Large Language Models' training dynamics at the token level are not well understood, with evaluation typically relying on aggregated batch-level metrics that overlook token-level biases. Weight decay, a common training technique, introduces performance biases that disproportionately depreciate low-frequency tokens, which make up the majority of the token distribution in most languages.

We discovered a way to measure LLM bias while building a recruitment tool

A study examined biases in candidate interview reports generated by large language models, finding that while anonymization can reduce biases, its effectiveness varies across models and bias types. The study suggests careful LLM selection and best practices to minimize bias in AI applications, promoting fairness and inclusivity.

Remote Timing Attacks on Efficient Language Model Inference

Researchers have discovered a vulnerability in language models that allows them to infer sensitive information about a user's conversation by monitoring the timing of encrypted network traffic. This vulnerability can be exploited to learn the topic of a conversation, distinguish between specific messages, or even recover personally identifiable information (PII) such as phone numbers or credit card numbers.

Universal optimality of Dijkstra via beyond-worst-case heaps

This paper proves that Dijkstra's shortest-path algorithm is universally optimal when combined with a new, efficient heap data structure that takes advantage of locality in heap operations. The heap's working-set property ensures that extracting recently added elements is cheaper, and this property is sufficient to guarantee universal optimality for the problem of ordering vertices by their distance from the source vertex.

Code

Launch HN: Skyvern (YC S23) – open-source AI agent for browser automations

Here is a summary of the text in a couple of sentences:

Skyvern is a tool that automates browser-based workflows using Large Language Models (LLMs) and computer vision, allowing users to automate manual tasks on a large number of websites without writing custom code. It uses a swarm of agents to comprehend a website, plan and execute actions, and can operate on websites it's never seen before, making it resistant to website layout changes and able to reason through complex interactions.
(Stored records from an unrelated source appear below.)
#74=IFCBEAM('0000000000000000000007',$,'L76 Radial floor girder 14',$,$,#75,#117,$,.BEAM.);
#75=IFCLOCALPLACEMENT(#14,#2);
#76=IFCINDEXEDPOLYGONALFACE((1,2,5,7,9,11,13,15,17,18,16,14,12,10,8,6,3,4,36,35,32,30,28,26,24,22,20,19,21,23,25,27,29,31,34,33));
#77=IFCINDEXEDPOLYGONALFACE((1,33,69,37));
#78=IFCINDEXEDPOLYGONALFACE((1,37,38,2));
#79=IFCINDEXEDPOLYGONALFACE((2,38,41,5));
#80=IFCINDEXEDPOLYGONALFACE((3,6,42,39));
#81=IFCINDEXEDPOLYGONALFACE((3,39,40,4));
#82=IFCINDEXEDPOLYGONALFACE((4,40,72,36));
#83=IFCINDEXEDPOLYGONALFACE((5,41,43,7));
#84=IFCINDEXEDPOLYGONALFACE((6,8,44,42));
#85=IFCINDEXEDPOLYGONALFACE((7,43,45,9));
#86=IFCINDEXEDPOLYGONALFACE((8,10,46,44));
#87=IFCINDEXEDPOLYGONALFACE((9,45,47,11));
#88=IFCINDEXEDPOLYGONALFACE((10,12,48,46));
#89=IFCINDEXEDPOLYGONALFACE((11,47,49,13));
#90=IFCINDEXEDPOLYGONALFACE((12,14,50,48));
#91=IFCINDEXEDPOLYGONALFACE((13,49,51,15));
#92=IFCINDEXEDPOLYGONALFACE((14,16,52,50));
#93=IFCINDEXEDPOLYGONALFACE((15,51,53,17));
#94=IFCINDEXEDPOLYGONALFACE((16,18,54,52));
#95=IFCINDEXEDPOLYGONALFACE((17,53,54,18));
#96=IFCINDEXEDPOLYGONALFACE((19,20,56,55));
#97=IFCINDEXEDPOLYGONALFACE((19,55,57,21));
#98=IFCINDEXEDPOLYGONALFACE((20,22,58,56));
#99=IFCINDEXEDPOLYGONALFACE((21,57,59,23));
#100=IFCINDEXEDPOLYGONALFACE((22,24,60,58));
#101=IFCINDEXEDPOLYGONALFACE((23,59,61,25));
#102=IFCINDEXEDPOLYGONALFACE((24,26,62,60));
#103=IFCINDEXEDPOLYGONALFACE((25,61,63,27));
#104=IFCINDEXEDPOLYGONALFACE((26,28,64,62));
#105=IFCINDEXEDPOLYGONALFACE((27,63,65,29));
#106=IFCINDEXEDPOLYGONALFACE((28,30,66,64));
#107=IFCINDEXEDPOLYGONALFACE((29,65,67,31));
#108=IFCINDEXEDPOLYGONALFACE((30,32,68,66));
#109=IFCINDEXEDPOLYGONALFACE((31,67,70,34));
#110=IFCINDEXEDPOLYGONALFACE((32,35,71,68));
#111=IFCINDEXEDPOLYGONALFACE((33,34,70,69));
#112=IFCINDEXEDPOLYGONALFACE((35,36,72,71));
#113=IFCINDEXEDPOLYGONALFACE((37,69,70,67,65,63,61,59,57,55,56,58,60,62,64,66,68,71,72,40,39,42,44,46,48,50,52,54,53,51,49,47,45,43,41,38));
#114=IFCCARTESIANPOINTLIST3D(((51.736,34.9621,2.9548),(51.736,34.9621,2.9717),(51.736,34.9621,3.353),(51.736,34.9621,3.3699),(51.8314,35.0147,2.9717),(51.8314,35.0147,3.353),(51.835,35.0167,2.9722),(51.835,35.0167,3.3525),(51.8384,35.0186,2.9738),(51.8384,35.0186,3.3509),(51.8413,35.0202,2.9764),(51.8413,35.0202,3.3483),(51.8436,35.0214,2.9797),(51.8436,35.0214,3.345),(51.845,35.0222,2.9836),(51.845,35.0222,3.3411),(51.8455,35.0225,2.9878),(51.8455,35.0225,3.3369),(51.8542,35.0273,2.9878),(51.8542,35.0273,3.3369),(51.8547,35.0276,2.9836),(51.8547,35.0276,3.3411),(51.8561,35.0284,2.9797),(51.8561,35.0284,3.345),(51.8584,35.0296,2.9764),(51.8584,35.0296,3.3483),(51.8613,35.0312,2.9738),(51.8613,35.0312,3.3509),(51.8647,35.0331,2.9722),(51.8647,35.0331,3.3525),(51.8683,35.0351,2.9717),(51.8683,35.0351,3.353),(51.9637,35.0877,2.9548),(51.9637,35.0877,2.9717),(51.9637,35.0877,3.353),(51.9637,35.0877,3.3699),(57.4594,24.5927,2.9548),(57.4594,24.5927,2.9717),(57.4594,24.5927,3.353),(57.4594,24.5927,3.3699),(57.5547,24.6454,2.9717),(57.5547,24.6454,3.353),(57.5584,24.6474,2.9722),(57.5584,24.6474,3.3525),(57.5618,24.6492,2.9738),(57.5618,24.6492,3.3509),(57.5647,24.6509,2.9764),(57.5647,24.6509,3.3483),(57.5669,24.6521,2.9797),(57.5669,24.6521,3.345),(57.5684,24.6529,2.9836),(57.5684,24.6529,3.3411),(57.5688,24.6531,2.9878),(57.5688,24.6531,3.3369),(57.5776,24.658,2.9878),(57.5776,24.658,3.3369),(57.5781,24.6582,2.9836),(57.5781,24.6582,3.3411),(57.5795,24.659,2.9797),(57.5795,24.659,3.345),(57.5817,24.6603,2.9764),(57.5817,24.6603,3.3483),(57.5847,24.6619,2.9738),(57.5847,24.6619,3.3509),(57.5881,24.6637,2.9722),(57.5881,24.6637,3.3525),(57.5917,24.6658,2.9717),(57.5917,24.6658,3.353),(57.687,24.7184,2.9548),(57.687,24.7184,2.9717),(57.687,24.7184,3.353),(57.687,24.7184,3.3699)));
Show HN: Srcbook – Self-hosted alternative to AI app builders

Srcbook is a TypeScript-centric app development platform that uses AI as a pair-programmer to create and iterate on web apps quickly. It offers features such as an AI app builder, interactive notebooks, and local execution with a web interface.

Show HN: Rust based AWS Lambda Logs Viewer (TUI)

AWS Lambda Logs Viewer is a terminal-based application for viewing AWS Lambda function logs across multiple profiles and regions. It features real-time log filtering and search, fast navigation with keyboard shortcuts, and caching for improved performance.

Show HN: Phidata – Build AI Agents with memory, knowledge, tools and reasoning

Phidata is a framework for building agentic systems that can perform various tasks, such as searching the web, querying financial data, and working together as a team. It provides a range of features, including memory, knowledge, tools, and reasoning, and can be used to build intelligent agents that can interact with users through a beautiful UI.

Vulnhuntr: Autonomous AI finds first 0-day vulnerabilities

Vulnhuntr is a tool that uses Large Language Models (LLMs) and static code analysis to identify remotely exploitable vulnerabilities in codebases. It can automatically create and analyze entire code call chains to detect complex vulnerabilities that traditional static code analysis tools may miss.